The direction, though, is not in doubt. Folding sits inside two compounding trends: the lineage itself keeps maturing — each generation handles more of what real ML computation actually does — and folding is increasingly the recursion layer inside general-purpose zkVMs, which is the other route to proving an ML program. Stack folding's flat per-step cost on top of the hardware acceleration that [the DeepProve analysis](/blog/deepprove-first-proven-llm/) traced, and the ceiling on "how large a model can be proven at tolerable cost" rises every year.

It rises predictably and it rises slowly — this is grind, not breakthrough. But the monotonic part is the part to internalize: a model that is out of reach this year will be in reach some year, and folding is a large share of why.
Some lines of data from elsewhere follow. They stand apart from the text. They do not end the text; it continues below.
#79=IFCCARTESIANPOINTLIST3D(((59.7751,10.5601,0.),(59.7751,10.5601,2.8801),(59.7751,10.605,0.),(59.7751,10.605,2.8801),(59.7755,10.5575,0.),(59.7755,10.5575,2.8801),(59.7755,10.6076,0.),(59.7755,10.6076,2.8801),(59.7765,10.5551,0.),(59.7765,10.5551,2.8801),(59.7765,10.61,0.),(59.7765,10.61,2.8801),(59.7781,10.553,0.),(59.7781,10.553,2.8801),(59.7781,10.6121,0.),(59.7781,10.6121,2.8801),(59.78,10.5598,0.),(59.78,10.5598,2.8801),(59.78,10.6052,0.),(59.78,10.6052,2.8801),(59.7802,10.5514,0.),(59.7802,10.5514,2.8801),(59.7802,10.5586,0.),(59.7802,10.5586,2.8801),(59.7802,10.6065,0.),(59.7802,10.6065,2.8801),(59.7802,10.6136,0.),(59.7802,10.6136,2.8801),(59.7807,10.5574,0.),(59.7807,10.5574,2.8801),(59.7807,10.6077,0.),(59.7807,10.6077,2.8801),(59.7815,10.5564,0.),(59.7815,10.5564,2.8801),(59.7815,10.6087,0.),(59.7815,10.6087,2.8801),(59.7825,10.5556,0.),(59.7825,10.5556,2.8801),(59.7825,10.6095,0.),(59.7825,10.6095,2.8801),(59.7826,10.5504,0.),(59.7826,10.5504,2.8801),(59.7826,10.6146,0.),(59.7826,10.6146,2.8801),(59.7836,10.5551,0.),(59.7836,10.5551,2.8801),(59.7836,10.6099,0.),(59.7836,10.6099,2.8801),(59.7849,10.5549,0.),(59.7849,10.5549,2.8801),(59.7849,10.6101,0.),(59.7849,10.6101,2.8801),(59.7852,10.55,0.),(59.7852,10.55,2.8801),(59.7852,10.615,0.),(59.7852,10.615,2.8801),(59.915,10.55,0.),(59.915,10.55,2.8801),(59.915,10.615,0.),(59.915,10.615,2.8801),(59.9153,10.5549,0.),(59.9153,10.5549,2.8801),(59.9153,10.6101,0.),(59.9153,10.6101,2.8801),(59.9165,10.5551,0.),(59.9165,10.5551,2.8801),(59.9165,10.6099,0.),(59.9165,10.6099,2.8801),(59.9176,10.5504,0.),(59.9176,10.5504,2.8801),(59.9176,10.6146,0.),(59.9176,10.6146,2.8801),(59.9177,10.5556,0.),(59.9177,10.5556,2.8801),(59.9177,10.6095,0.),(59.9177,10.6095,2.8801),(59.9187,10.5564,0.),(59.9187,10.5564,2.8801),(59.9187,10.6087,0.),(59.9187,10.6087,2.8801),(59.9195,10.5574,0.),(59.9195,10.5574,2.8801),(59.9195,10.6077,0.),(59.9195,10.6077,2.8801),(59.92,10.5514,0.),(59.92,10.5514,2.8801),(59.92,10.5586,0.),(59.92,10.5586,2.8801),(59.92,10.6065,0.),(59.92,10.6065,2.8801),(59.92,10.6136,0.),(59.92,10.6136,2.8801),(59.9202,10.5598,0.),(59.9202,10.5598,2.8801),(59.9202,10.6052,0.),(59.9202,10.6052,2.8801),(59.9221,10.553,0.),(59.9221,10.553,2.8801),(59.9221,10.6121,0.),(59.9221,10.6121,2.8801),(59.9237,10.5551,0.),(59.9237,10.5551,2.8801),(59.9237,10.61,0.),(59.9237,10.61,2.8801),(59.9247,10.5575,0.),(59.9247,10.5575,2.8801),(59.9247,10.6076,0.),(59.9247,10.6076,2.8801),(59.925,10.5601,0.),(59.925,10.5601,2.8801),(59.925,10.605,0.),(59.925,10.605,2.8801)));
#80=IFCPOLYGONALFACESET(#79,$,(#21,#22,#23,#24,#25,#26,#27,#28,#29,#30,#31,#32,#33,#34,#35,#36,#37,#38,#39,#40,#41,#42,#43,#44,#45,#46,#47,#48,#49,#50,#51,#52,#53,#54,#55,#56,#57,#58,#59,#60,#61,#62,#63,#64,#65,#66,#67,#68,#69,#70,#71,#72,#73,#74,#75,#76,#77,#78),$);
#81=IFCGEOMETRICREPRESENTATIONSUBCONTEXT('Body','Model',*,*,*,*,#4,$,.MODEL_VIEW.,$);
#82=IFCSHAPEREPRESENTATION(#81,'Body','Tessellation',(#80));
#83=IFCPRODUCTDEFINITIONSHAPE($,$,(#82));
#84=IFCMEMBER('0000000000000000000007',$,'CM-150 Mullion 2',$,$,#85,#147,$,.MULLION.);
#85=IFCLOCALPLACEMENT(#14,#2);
The right posture is the one the zkML posts keep landing on — build for what ships today, and treat folding-plus-hardware as a migration trigger you monitor, not a slot you leave empty hoping.

## Reading list

- The [Nova paper](https://eprint.iacr.org/2021/370) (Kothapalli, Setty, Tzialla) — the origin of folding schemes and IVC; the introduction is readable even if you skip the proofs.
- The [microsoft/Nova](https://github.com/microsoft/Nova) implementation — the reference codebase, and the fastest way to see folding as something concrete rather than abstract.
- Our [five-zkML-libraries benchmark](/blog/which-zkml-ships/) — where zkML actually stands today, and the small-model ceiling folding is built to lift.
- The [first-proven-LLM analysis](/blog/deepprove-first-proven-llm/) — DeepProve, GPT-2, and why "impossible to expensive" is the move that folding and hardware then erode.

A monolithic proof asks you to re-derive the whole meal at the end. Folding keeps a running checksum and proves each step as you cook. zkML's computation is a loop — so the second approach is the one that scales, eventually.